VERY HIGH RESOLUTION STRUCTURES OF THE FFH GTPASE

FFH GTPASE 的极高分辨率结构

• 批准号: 6151226
• 负责人: Douglas M. Freymann
• 金额: $ 23.62万
• 依托单位: NORTHWESTERN UNIVERSITY AT CHICAGO
• 依托单位国家: 美国
• 财政年份: 1999
• 资助国家: 美国
• 起止时间: 1999-02-01 至 2002-01-31
• 项目状态: 已结题
• 来源: https://reporter.nih.gov/project-details/6151226
• 关键词: X ray crystallography; bioimaging /biomedical imaging; conformation; crystallization; enzyme structure; guanosine triphosphate; guanosinetriphosphatases; intermolecular interaction; physical model; protein sequence; protein structure function; ribonucleoproteins; stereochemistry; structural biology; water

All cells contain mechanisms by which proteins are targeted to different cellular compartments. Co-translational targeting of proteins to cell membranes is mediated by the signal recognition particle (SRP), which recognizes the amino-terminal signal sequence of the nascent polypeptide and targets the translating ribosome to a membrane receptor. Structural and functional elements of the SRP ribonucleoprotein are highly phylogenetically conserved. One protein component of the particle, SRP54 or Ffh (in prokaryotes), is of particular interest because it provides specific recognition of the hydrophobic signal peptide and is also a GTPase which interacts directly with the membrane receptor. GTPases are a ubiquitous family of proteins which use the binding and hydrolysis of GTP to elicit various cellular functions - well studied GTPases are involved in translation, cell regulation, and signal transduction. This proposal is directed towards detailed protein structural understanding of the NG GTPase domain of Ffh. The results will contribute to our understanding of the role of this specific GTPase in the SRP pathway, and, more generally, give insight into how different GTPases build on a common core protein structure to elicit different cellular function. The project has three crystallographic objectives. To obtain highly refined ultra-high (1.0 Angstroms) resolution structural models of the apo- and GDP-bound NG GTPase from crystals now in hand. To improve existing MgGDP-form crystals so that we can describe that structure at a similar level of detail. And, to crystallize the MgGTP-bound NG GTPase using nonhydrolyzable nucleotide analogs or GTP, and to solve its crystal structure as well.

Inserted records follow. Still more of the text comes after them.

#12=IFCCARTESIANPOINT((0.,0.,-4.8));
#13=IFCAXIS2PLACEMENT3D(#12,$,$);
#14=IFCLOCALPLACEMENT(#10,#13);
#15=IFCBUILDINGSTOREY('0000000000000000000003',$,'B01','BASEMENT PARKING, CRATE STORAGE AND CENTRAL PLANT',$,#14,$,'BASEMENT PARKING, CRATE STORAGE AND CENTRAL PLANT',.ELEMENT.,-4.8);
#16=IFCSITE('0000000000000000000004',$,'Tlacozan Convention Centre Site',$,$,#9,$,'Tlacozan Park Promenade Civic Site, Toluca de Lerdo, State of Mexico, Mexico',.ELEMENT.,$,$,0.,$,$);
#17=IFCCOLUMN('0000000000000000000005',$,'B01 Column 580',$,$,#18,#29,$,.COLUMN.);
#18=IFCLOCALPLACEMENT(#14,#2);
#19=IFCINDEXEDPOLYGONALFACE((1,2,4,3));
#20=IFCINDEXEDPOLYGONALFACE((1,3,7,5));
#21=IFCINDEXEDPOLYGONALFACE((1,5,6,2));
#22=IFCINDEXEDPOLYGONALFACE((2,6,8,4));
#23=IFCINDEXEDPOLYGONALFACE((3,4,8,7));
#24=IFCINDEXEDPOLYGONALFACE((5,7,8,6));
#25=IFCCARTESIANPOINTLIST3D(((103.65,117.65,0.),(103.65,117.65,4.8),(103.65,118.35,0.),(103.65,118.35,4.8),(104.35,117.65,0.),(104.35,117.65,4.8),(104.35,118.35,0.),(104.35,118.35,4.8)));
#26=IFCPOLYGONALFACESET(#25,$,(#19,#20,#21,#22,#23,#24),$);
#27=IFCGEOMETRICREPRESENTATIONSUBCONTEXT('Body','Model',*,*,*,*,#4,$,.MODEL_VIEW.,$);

The structural data, spanning the ligand states of the GTPase, will provide the basis for detailed and accurate analysis of the interaction between the protein, water, magnesium, and nucleotide. They should also reveal whether structural phenomena not resolved in structures at lower resolution - deviations of the protein stereochemistry, packing imperfections, and conformational substrates - may be relevant to GTPase function. The analyses will address the chemistry of the GTPase and the protein design principles which facilitate mobilization of different structural motifs during the cycle of GTP binding and hydrolysis.

所有细胞都含有蛋白质靶向不同细胞区室的机制。 蛋白质共翻译靶向细胞膜是由信号识别颗粒 (SRP) 介导的，该颗粒识别新生多肽的氨基末端信号序列并将翻译核糖体靶向膜受体。 SRP 核糖核蛋白的结构和功能元件在系统发育上高度保守。 颗粒的一种蛋白质成分 SRP54 或 Ffh（在原核生物中）特别令人感兴趣，因为它提供了疏水信号肽的特异性识别，并且也是直接与膜受体相互作用的 GTP 酶。 GTP 酶是一个普遍存在的蛋白质家族，它利用 GTP 的结合和水解来引发各种细胞功能 - 经过充分研究的 GTP 酶涉及翻译、细胞调节和信号转导。 该提案旨在详细了解 Ffh 的 NG GTPase 结构域的蛋白质结构。 这些结果将有助于我们了解这种特定 GTP 酶在 SRP 途径中的作用，更广泛地说，有助于深入了解不同的 GTP 酶如何在共同的核心蛋白结构上构建以引发不同的细胞功能。该项目具有三个晶体学目标。 从现有晶体中获得高度精炼的超高（1.0 埃）分辨率的 apo 和 GDP 结合 NG GTPase 结构模型。 改进现有的 MgGDP 形式晶体，以便我们能够以类似的细节水平描述该结构。 并且，使用不可水解的核苷酸类似物或GTP使MgGTP结合的NG GTPase结晶，并解析其晶体结构。涵盖 GTP 酶配体状态的结构数据将为详细、准确地分析蛋白质、水、镁和核苷酸之间的相互作用提供基础。 他们还应该揭示在较低分辨率的结构中未解决的结构现象（蛋白质立体化学的偏差、包装缺陷和构象底物）是否可能与 GTP 酶功能相关。分析将涉及 GTP 酶的化学性质和蛋白质设计原理，这些原理有助于在 GTP 结合和水解循环中调动不同的结构基序。